Dried grass and musical expression—the making of an oboe reed
The reed
Without a reed there is no oboe.
The idea is deliciously simple. Take a piece of dried grass, scrape it so it is thin enough to vibrate, fold it in half over and you have a source of sound for an oboe.
The fragility of processed cane. When this material begins to vibrate as a finished reed, a musical universe opens. I am constantly astounded...
All our energy, all our expression, our entire musical lives, go through that little gap found between the two blades of the reed...
The task
It is Monday morning.
In the cool air of the early day, I walk into the workshop and immediately see the tube cane waiting quietly, gently calling me. I feel a sense of anticipation, an acute awareness of all the creative decisions that lie ahead of me. It is both exciting and foreboding all at once. That juxtaposition is curiously integral to the task of making a reed. The two constantly interplay against each other and drive the process inexorable forward.
I am standing in front of a stash of some three hundred small tubes of dried grass—arundo donnax—each between ten to fifteen centimetres long, a single centimetre across. If I were to just glance at them, they all look the same. On closer inspection, they are all subtly different—different in texture, in colour, in the surface patterns, in their thickness. A modest piece of golden-hued, slightly speckled tube cane gets my attention. It holds a quiet promise—that this will morph into a sweet sounding, warmly resonating reed. The journey has begun. Perhaps that step is the most important—choosing the piece from the myriad of other pieces.
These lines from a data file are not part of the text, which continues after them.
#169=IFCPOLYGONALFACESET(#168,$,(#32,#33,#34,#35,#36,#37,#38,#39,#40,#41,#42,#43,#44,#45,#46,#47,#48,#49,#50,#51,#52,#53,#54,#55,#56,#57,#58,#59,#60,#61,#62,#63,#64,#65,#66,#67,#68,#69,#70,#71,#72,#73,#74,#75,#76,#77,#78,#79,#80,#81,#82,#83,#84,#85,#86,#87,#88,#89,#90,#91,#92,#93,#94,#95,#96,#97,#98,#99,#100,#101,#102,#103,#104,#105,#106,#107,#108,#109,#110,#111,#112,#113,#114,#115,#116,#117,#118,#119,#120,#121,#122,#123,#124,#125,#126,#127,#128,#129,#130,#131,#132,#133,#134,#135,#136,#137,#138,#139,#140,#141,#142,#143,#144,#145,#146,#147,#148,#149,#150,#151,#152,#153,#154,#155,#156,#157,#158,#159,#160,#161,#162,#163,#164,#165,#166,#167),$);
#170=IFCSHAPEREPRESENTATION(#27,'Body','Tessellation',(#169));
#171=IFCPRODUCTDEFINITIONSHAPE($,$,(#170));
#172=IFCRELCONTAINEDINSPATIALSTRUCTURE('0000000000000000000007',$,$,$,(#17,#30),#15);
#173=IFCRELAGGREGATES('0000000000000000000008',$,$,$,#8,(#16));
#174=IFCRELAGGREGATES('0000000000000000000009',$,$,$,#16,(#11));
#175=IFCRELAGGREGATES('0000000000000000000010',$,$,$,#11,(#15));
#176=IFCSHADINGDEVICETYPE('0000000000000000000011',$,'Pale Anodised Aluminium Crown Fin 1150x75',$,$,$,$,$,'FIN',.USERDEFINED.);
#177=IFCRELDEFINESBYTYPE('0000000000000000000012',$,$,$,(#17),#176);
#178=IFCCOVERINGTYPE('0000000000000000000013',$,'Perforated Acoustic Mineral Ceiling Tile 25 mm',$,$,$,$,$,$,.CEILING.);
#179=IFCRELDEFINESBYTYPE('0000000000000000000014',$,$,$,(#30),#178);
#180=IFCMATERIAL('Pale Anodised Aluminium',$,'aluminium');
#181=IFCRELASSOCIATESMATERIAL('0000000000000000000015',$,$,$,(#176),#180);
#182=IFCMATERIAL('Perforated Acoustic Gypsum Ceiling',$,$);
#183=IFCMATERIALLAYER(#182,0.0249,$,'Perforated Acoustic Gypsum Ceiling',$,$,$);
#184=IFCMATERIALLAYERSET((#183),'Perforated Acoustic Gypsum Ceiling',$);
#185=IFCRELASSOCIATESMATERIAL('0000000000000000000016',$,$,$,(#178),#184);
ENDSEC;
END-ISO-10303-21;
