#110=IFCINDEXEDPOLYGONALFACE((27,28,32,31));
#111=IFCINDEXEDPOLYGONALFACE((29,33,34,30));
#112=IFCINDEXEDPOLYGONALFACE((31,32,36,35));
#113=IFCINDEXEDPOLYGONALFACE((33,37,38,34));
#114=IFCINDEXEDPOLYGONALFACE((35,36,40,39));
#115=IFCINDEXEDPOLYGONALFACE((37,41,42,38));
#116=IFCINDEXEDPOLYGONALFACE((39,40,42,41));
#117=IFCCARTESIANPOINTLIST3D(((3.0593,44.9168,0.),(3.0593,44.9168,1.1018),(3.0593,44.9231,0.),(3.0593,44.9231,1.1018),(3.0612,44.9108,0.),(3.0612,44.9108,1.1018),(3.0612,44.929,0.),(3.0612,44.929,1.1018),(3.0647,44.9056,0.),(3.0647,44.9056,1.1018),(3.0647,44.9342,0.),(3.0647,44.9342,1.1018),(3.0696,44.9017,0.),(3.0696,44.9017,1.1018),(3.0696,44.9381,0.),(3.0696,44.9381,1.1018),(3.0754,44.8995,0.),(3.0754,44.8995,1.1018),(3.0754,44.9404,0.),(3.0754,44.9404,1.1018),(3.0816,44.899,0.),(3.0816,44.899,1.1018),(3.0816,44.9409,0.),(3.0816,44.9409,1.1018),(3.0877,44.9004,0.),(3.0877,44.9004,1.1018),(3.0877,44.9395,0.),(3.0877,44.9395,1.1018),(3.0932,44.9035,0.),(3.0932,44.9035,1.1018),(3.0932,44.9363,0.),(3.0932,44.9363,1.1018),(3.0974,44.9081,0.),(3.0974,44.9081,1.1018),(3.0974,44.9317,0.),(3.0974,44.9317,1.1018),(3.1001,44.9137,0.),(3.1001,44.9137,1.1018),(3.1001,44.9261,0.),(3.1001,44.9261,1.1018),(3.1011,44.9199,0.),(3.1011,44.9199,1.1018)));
I now take the chosen tube and split it in three down it’s length before studying each of the three pieces looking for straightness and evenness. I reluctantly reject the two that are uneven, only one looks straight enough to make a reed.
My pace quickens now, in quick succession I remove the pith from the inside of the piece of golden dried grass on one machine—the ‘pre-gouger’—then scrape away the remaining excess cane with another tool—the ‘gouger’. Then I jump over to the shaping machine through which the piece of cane—getting more diminutive now—takes on more of the recognisable shape of a finished reed. These machines are costly, precision-made, and utterly gorgeous. They are a joy to work with.
I have done this a dozen times and now put the group of shaped and gouged pieces into some water to soften. Only then will they withstand the force—without splitting—of being pulled into shape by nylon thread around the small brass tubes.
With crossed fingers, with hope, I begin to tie the little piece of grass onto the brass tube—less than five centimetres long. With all the care in the world, the cane can still split under the pressure of the thread, as it persuades the grass into a new, more rounded shape.
Relief. The cane doesn’t split. I relax as I let it air-dry for several days, before scraping (‘profiling’) the reed thin enough that it vibrates into life.
I feel excited, expectant, as I profile the reed. I also need to be patient, as I do it twice or three times, with at least a day in between.
Finally the reed begins to sing. The long journey, spanning at least a week, if not two, ends. Yet it’s musical journey has now just begun. The reed now will utter the musical ideas of the greatest composers—Mahler, Mozart, Brahms, Tchaikovsky to an audience unaware of the creative task that has already occurred.
Yes, the idea is deliciously simple. Yet the execution is long and fraught. It’s all about freeing the life-giving vibrations inherent in the piece of cane, and then to let the oboe and the oboist sing. For that we all give thanks.